PROJECT SUMMARY Heterochronic parabiosis, in which young and aged animals are surgically attached to share circulation, provided evidence of putative ‘anti-geronic’ factors exist but the mechanisms by which circulating factors mediate rejuvenating properties on muscle stem cells and their microenvironment have yet to be elucidated. Due to the complexity of in vivo parabiosis and the dynamic nature of blood-borne factors, reliable identification of these humoral factors remains a major hurdle. To overcome this challenge, Dr. Jang and his team will leverage advanced microengineering approaches to build a 3D microfluidic parabiosis circuit that can control mechanical and biochemical cues in the physiologically relevant 3D microenvironment. In this proposal, his team will further refine and upgrade the in vitro parabiosis platform by integrating a cell-type-specific protein labeling system (MetRSL2774G transgene) to precisely identify muscle secretome, also known as myokines, responsible for rejuvenation effects on muscle stem cells. In addition, the targeted genetics approach will be employed to delineate oxidative stress-induced pro-geronic myokines that negatively impact muscle stem cell function. Finally, the team will also engineer an exercise-induced myokine reporter system within parabiosis-on-a-chip using an optogenetic actuator (Channelrhodopsin 2) co-expressed with protein labeling construct, MetRSL274G. Using this reporter, proposed studies will identify novel contraction-induced myokines with anti-geronic properties and myokines that pass the blood-brain-barrier (BBB) to exert their action on muscle-brain crosstalk. The successful outcomes of this project will have far and broad implications in geroscience. This minimally invasive 3D microphysiological system can be exploited in a variety of studies testing the hallmarks of aging or modeling of age-related diseases in vitro. More importantly, upon validation, the experimental approach used in this proposal can be translated to mimic human parabiosis, which will have significant clinical implications.
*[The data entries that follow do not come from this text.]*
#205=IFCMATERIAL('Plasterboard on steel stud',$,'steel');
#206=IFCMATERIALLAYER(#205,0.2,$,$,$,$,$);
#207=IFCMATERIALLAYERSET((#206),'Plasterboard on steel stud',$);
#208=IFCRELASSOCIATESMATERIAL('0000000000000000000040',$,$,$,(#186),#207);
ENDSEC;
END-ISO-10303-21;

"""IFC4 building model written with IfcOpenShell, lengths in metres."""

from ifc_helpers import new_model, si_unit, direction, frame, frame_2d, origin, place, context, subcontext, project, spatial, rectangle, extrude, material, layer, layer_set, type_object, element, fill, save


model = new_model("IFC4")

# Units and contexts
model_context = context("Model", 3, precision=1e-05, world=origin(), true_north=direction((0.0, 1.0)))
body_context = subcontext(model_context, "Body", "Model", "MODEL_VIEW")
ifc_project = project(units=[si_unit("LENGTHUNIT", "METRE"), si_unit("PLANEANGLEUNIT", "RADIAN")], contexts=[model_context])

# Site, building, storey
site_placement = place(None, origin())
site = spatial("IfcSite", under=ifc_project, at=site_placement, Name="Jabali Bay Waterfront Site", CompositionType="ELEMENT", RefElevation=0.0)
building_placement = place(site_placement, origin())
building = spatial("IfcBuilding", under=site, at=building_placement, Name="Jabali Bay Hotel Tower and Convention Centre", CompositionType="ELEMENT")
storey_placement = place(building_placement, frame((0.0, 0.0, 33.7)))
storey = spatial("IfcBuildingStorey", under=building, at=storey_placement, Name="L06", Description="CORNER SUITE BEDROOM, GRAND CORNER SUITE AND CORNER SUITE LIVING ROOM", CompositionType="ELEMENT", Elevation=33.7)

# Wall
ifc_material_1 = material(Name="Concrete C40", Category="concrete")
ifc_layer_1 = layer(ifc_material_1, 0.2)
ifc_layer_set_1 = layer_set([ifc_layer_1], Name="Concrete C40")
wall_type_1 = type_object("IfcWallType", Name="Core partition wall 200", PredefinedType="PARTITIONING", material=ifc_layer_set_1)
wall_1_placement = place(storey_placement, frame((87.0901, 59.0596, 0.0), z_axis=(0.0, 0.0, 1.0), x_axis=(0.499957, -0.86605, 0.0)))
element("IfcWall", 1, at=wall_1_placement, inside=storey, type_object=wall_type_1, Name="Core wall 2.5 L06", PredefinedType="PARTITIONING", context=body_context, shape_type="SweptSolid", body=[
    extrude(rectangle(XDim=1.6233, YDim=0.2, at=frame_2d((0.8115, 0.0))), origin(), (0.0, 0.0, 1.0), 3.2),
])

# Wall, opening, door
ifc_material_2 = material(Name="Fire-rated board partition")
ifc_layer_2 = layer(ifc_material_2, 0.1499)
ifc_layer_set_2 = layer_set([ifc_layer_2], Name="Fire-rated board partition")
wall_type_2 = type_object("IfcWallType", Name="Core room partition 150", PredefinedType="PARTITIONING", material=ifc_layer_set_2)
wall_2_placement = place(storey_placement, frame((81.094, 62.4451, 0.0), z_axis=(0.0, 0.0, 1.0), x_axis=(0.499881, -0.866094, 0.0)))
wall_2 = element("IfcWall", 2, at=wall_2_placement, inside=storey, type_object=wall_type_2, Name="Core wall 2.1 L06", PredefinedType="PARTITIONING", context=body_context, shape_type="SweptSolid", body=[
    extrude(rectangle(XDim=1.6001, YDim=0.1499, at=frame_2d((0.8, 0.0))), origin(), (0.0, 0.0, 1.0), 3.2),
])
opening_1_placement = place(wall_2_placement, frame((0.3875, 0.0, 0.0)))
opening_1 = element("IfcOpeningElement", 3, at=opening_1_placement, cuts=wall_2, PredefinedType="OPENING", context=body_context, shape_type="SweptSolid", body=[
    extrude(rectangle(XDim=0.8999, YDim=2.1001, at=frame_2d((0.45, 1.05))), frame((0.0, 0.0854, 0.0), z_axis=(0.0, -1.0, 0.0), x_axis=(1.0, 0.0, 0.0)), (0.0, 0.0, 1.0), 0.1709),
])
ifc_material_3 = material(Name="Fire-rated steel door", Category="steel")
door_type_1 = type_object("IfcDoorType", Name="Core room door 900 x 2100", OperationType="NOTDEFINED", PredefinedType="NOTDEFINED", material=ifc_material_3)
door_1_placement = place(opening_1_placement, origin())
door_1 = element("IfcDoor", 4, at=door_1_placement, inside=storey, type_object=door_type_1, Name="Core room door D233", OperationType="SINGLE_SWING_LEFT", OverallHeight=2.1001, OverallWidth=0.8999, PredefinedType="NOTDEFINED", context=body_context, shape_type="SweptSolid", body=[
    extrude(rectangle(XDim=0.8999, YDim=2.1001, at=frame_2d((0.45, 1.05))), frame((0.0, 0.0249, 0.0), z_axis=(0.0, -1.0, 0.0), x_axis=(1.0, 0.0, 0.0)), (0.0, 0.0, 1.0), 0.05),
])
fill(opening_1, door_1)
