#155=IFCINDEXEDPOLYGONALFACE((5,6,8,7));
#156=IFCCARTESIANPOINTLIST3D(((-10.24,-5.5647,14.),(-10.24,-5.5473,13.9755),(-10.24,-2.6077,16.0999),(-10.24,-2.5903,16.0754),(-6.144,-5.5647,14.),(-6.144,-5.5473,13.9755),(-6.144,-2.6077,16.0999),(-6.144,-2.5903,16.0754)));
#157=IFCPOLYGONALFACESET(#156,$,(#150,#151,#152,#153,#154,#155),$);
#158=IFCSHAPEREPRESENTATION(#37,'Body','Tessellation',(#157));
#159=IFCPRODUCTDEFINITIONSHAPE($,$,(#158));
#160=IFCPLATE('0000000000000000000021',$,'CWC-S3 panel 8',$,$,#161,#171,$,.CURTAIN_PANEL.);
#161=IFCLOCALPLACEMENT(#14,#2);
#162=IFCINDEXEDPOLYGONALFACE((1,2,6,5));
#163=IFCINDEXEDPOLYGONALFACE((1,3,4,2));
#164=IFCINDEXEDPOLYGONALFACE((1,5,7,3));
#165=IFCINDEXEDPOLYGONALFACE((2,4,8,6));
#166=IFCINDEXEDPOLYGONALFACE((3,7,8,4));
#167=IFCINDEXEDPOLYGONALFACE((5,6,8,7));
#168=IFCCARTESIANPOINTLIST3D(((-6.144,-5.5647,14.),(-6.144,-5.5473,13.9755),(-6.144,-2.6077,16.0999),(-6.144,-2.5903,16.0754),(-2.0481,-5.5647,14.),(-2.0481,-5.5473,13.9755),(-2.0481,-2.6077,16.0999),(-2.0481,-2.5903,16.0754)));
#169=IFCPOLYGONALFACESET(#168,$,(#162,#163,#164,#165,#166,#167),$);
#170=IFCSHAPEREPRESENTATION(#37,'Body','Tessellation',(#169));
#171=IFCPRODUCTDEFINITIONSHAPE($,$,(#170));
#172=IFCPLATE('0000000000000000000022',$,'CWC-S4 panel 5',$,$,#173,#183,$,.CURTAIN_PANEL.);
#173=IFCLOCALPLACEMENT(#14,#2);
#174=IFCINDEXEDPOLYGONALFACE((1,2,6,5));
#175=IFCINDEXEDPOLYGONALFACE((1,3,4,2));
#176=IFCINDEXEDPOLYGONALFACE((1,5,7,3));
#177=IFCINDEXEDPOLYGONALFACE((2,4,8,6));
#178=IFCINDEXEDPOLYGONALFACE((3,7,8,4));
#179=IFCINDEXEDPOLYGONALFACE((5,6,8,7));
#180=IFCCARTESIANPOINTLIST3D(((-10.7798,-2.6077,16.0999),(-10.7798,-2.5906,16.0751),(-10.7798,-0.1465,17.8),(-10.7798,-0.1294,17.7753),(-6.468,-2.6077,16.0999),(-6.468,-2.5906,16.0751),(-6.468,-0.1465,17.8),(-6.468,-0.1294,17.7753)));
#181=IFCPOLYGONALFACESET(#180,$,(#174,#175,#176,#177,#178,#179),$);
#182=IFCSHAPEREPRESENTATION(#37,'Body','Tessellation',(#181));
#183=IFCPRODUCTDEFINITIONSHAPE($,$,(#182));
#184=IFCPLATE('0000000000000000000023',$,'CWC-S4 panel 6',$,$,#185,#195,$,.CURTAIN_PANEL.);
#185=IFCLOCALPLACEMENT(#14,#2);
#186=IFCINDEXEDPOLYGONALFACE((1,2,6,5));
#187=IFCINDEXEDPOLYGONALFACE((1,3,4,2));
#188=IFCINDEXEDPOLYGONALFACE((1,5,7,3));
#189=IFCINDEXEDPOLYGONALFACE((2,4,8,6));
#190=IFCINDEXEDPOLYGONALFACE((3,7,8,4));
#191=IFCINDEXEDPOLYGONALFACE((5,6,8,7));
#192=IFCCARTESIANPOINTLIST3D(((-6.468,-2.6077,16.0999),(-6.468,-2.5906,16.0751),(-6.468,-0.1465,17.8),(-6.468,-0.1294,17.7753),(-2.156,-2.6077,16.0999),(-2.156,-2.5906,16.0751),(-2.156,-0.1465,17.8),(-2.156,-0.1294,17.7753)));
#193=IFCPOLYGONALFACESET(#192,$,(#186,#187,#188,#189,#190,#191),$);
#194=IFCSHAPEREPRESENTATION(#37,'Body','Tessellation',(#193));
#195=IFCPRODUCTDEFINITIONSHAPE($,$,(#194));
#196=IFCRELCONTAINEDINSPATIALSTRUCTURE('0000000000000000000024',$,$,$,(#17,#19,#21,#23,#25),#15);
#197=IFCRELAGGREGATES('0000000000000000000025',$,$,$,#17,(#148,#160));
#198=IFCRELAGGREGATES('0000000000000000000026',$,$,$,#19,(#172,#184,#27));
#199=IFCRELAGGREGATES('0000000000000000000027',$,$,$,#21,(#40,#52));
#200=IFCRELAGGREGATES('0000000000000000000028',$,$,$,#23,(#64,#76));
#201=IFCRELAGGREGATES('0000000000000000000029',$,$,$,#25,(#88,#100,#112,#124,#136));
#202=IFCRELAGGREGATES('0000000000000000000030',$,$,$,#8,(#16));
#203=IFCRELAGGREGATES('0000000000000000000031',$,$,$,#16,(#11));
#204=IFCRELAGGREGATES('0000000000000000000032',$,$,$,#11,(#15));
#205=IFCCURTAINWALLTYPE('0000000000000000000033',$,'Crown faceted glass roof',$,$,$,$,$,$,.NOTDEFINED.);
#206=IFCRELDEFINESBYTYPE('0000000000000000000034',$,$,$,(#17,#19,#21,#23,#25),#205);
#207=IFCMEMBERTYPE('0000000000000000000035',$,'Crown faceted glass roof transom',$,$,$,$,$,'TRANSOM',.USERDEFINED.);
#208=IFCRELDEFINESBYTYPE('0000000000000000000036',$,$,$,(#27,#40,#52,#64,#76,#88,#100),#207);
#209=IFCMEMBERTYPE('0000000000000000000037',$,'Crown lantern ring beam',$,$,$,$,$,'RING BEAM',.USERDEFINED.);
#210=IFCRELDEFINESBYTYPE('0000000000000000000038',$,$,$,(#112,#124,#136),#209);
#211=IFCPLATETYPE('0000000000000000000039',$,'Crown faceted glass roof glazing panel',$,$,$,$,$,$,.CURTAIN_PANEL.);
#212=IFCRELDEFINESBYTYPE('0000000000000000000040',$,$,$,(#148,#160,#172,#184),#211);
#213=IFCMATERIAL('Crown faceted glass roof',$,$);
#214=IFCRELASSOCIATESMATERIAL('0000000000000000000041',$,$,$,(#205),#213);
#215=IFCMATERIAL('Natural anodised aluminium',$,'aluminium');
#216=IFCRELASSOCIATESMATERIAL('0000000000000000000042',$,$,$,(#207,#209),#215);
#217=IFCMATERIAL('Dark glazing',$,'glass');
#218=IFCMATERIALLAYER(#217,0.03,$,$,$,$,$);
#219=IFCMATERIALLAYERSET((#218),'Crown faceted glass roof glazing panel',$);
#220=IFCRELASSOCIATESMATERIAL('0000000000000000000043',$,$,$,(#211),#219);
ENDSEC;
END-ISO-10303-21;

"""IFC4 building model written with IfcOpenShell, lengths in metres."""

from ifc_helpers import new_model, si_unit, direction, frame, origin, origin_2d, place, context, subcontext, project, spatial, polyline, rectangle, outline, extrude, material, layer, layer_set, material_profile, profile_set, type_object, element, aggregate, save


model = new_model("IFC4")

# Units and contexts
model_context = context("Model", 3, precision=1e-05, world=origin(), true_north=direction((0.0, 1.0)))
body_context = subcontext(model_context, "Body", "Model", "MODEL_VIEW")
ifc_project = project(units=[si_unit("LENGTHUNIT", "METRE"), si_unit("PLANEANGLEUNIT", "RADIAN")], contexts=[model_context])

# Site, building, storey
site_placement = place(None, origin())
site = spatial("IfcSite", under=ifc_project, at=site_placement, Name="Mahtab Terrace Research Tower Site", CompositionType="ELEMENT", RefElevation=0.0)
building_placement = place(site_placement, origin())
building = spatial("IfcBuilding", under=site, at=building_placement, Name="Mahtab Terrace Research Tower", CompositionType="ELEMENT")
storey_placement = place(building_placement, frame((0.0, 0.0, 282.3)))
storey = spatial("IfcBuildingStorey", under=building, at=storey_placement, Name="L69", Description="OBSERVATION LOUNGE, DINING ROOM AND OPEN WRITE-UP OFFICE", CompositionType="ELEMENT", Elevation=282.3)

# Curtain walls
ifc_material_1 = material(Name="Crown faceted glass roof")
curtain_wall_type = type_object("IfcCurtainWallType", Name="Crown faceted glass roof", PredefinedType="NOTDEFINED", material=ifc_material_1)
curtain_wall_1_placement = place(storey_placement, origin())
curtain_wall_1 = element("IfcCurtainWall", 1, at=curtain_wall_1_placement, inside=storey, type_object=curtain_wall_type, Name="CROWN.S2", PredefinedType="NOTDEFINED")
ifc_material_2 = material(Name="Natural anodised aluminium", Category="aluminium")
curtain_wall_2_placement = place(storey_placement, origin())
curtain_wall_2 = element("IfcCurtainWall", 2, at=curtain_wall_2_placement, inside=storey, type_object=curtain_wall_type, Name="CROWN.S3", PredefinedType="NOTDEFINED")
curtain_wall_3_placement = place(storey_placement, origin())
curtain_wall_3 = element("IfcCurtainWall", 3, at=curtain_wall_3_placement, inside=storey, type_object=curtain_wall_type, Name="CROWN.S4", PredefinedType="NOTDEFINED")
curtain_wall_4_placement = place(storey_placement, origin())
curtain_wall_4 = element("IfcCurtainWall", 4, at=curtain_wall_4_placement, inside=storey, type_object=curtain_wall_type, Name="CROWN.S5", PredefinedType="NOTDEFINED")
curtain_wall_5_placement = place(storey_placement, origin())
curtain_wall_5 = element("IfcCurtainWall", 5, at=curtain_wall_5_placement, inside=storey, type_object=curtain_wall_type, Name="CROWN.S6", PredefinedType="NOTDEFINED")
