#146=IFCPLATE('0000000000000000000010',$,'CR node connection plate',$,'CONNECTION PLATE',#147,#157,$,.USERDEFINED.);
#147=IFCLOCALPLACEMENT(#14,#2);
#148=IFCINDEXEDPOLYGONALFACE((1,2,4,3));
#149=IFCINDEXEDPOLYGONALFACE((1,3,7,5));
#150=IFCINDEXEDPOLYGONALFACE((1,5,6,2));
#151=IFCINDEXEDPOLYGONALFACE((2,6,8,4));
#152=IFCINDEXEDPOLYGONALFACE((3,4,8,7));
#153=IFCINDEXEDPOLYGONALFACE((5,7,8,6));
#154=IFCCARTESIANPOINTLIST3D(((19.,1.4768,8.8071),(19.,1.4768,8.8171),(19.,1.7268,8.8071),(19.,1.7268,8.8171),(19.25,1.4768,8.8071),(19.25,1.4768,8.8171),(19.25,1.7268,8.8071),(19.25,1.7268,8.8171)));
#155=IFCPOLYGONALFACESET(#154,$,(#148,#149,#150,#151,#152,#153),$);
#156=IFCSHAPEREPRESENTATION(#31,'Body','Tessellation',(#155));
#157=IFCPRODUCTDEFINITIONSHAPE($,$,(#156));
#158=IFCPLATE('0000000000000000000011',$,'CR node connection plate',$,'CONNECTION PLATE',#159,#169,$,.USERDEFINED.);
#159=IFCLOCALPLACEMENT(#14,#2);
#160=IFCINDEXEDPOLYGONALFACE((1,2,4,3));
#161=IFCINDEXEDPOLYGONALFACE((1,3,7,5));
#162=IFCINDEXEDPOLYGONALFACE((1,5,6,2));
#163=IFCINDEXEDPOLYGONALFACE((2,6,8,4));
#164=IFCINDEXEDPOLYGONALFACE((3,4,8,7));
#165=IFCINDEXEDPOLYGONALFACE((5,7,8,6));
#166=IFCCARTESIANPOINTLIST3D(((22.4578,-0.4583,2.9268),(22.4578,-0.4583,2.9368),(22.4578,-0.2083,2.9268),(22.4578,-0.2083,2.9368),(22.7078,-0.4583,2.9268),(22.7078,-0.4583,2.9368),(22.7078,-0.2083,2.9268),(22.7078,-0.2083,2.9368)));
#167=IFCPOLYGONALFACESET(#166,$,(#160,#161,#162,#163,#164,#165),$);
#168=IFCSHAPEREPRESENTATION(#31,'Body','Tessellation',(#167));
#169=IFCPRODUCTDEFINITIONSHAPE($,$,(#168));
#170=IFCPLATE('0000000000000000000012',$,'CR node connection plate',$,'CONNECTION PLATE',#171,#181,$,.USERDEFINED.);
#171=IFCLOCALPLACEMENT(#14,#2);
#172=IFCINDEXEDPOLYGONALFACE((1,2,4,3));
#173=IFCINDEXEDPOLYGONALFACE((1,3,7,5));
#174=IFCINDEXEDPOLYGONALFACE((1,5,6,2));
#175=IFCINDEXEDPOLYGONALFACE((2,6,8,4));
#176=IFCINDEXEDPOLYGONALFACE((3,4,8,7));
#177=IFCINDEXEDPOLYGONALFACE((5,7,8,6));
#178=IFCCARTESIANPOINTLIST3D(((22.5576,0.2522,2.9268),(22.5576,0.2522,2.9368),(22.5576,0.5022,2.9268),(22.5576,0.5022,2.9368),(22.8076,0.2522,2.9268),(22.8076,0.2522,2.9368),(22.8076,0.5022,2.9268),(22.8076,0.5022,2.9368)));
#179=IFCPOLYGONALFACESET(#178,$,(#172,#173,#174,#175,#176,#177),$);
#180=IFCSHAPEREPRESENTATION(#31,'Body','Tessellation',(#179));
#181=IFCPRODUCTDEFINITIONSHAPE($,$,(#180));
项目摘要 异时共生，其中年轻和年老的动物通过手术连接以共享循环， 存在假定的“抗衰老”因素的证据，但循环因素介导的机制 对肌肉干细胞及其微环境的再生特性还有待阐明。由于 体内共生的复杂性和血液传播因素的动态性质，这些因素的可靠鉴定 体液因素仍然是一个主要障碍。为了克服这一挑战，张博士和他的团队将利用 先进的微工程方法，以建立一个3D微流体共生电路，可以控制机械 和生理相关的3D微环境中的生化线索。在这份提案中，他的团队将进一步 通过整合细胞类型特异性蛋白质标记系统来完善和升级体外联体共生平台 （MetRSL 2774 G转基因），以精确鉴定肌肉分泌蛋白，也称为肌因子，负责 对肌肉干细胞的再生作用。此外，还将采用靶向遗传学方法， 描述了氧化应激诱导的前衰老肌因子对肌肉干细胞功能的负面影响。 最后，该团队还将在Parabiois-on-a-chip中设计一个运动诱导的肌因子报告系统。 使用与蛋白质标记构建体MetRSL 274 G共表达的光遗传致动器（视紫红质2）。 利用这一报告，拟议的研究将确定新的收缩诱导的肌因子与抗衰老的性质 以及通过血脑屏障（BBB）对肌脑串扰发挥作用的肌因子。的 该项目的成功结果将对老年科学产生深远而广泛的影响。这种微创 3D微生理学系统可用于测试衰老或建模特征的各种研究 与年龄有关的疾病的体外研究。更重要的是，经过验证，本研究中使用的实验方法 该提案可以翻译为模仿人类共生，这将具有重要的临床意义。